"Les médecins ne sont pas responsables des choix du passé" : le plaidoyer de François Braun à la tribune de l'Assemblée

13/06/2023 Par Aveline Marques
L'examen de la proposition de loi Valletoux a débuté lundi à l'Assemblée nationale, et doit se poursuivre jusqu'à vendredi. Sans surprise, la question de la régulation de l'installation des médecins libéraux, qui va faire l'objet d'un amendement, a été abordée dès la discussion générale. Face au groupe des transpartisans, menés par Guillaume Garot, les ministres François Braun et Agnès Firmin Le Bodo ont mis en garde contre des "fausses solutions" aux déserts médicaux. 

 

Cette semaine, les médecins libéraux vont avoir les oreilles qui sifflent.  Alors que les députés examinent la proposition de loi visant à "améliorer l'accès aux soins par l'engagement territorial des professionnels de santé", dite Valletoux, la question de la liberté d'installation promet d'être vivement débattue. Sans attendre l'examen de l'amendement transpartisan porté par Guillaume Garot (PS) visant à limiter l'installation des médecins et dentistes en dehors des zones sous-dotées, le Gouvernement et les députés ont abordé le sujet d'entrée de jeu, lundi, dès les discours introductifs. 

 

"Zéro fois zéro faut toujours zéro" 

Prenant la parole après le rapporteur de la proposition de loi, Frédéric Valletoux (Horizons), le ministre de la Santé François Braun a mis en garde les députés contre un "remède attractif à court terme – et politiquement porteur", mais qui, en créant des "rigidités et des contraintes serait totalement contreproductif et ne ferait que détourner plus encore de l’exercice de la médecine, et en particulier de la médecine générale". "La régulation des médecins constitue typiquement une fausse bonne solution, qui peut paraître miraculeuse en théorie mais qui, dans la pratique, n’apportera pas de réponses pour nos concitoyens", a renchéri la ministre déléguée aux Professionnels de santé, Agnès Firmin Le Bodo. "Réguler le manque ne résoudra malheureusement pas nos problèmes.

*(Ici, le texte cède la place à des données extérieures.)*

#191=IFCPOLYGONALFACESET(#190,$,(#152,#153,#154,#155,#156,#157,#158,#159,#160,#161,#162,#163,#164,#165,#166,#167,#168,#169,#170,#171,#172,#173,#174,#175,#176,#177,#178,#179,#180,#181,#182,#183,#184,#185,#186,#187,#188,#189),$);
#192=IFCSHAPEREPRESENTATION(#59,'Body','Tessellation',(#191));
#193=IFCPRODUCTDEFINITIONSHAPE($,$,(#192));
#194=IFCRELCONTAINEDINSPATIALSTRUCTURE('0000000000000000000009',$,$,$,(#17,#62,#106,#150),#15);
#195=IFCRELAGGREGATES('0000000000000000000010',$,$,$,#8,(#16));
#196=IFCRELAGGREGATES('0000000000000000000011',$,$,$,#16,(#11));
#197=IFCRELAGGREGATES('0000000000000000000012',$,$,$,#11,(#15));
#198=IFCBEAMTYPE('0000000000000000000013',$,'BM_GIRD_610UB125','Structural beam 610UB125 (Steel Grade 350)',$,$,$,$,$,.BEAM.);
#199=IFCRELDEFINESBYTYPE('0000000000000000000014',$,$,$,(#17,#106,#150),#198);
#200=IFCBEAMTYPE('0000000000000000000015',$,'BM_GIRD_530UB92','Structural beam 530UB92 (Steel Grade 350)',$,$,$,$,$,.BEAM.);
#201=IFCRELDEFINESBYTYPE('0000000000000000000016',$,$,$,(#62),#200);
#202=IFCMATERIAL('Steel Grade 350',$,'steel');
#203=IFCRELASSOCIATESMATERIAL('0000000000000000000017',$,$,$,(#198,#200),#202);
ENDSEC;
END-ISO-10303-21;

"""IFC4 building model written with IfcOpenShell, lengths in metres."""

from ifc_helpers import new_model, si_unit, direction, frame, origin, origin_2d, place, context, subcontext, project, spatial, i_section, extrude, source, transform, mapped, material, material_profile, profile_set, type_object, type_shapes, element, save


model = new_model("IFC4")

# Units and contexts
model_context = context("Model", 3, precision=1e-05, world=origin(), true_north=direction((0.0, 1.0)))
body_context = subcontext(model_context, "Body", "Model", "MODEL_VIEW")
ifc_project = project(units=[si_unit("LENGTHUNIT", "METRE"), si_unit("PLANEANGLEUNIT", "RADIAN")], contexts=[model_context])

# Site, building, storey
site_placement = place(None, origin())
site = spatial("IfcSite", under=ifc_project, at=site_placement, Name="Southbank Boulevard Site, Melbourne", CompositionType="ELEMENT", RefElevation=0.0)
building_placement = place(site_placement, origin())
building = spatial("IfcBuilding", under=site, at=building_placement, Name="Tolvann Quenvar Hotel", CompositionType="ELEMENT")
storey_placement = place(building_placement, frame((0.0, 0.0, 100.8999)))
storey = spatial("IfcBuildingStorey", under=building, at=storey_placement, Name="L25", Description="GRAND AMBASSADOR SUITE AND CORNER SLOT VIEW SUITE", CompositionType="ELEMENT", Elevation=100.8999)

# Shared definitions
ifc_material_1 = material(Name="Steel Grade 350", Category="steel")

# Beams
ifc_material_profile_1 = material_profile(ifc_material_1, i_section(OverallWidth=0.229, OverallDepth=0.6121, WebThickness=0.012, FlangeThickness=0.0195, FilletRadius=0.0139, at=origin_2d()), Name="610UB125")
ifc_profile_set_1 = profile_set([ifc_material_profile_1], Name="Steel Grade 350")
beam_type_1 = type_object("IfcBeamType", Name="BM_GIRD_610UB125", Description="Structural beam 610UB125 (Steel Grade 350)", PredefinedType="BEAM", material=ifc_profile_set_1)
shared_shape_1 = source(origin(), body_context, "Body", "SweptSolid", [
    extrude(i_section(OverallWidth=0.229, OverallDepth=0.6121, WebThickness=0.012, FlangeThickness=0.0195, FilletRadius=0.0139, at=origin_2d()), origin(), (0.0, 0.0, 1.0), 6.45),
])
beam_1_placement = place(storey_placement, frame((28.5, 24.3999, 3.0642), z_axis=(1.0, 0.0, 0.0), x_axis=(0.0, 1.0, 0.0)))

On m’a toujours appris que zéro fois zéro fait toujours zéro, et c’est bien la situation à laquelle nous sommes confrontés. Il n’existe pas de territoires où il y aurait trop de médecins : ce n’est pas vrai ! Et vous qui êtes sur le terrain, au plus proche de vos administrés, vous le savez." 

 

Pas plus de "400 ou 500" médecins et dentistes concernés… 

Un argumentaire qui ne suffira pas à convaincre les 200 députés partisans de serrer la vis aux médecins libéraux. "Il ne s’agit nullement d’imposer une mesure de coercition absolue, mais simplement, dans les zones qui connaissent encore une certaine surdensité médicale de faire en sorte qu’un nouveau praticien ne puisse installer sa plaque que si un autre retire la sienne, a défendu Philippe Vigier (Modem). D’abord – et ceux qui défendent les professions libérales devraient être sensibles à cet argument –, le médecin ainsi remplacé aurait au moins l’assurance de revendre sa clientèle, ce qui n’est pas le cas actuellement. Ensuite, la densité médicale n’en serait pas affectée, puisque, par définition, le nombre de professionnels resterait stable." Et le député de reconnaître que la disposition "concernerait au maximum 400 ou 500 professionnels, qui devraient alors simplement s’installer 10 ou 20 kilomètres plus loin : ceux qui connaissent les réalités géographiques à l’œuvre savent très bien qu’une telle mesure ne jouerait qu’à la marge"… 

 

"J'ai du respect pour les médecins généralistes et pour les médecins libéraux de France" 

Pertinente ou non, la mesure créé des tensions, a mis en garde François Braun. "Ces débats heurtent nos médecins. La semaine dernière encore, à Mauguio, dans l’Hérault, j’ai pu échanger avec des médecins généralistes de terrain qui m’ont dit leur désarroi devant les débats nationaux, a alerté le ministre de la Santé. Ils s’impliquent pourtant sans compter au service de leurs patients. Ils sont les premiers meurtris quand ils doivent refuser un patient. Ils ne sont pas responsables des choix du passé, tout comme les jeunes étudiants, et n’ont pas vocation à résoudre toutes les carences causées par d’autres", a-t-il plaidé. "J’ai du respect pour les médecins généralistes et pour les médecins libéraux de France. Je connais les difficultés et les frustrations qu’ils vivent au quotidien, mais aussi le lien privilégié qu’ils ont avec leurs patients. Les médecins généralistes assurent plus de 230 millions de consultations prises en charge par la sécurité sociale. Ne privons pas les Français de l’accès à des soins remboursés dont ils ont besoin."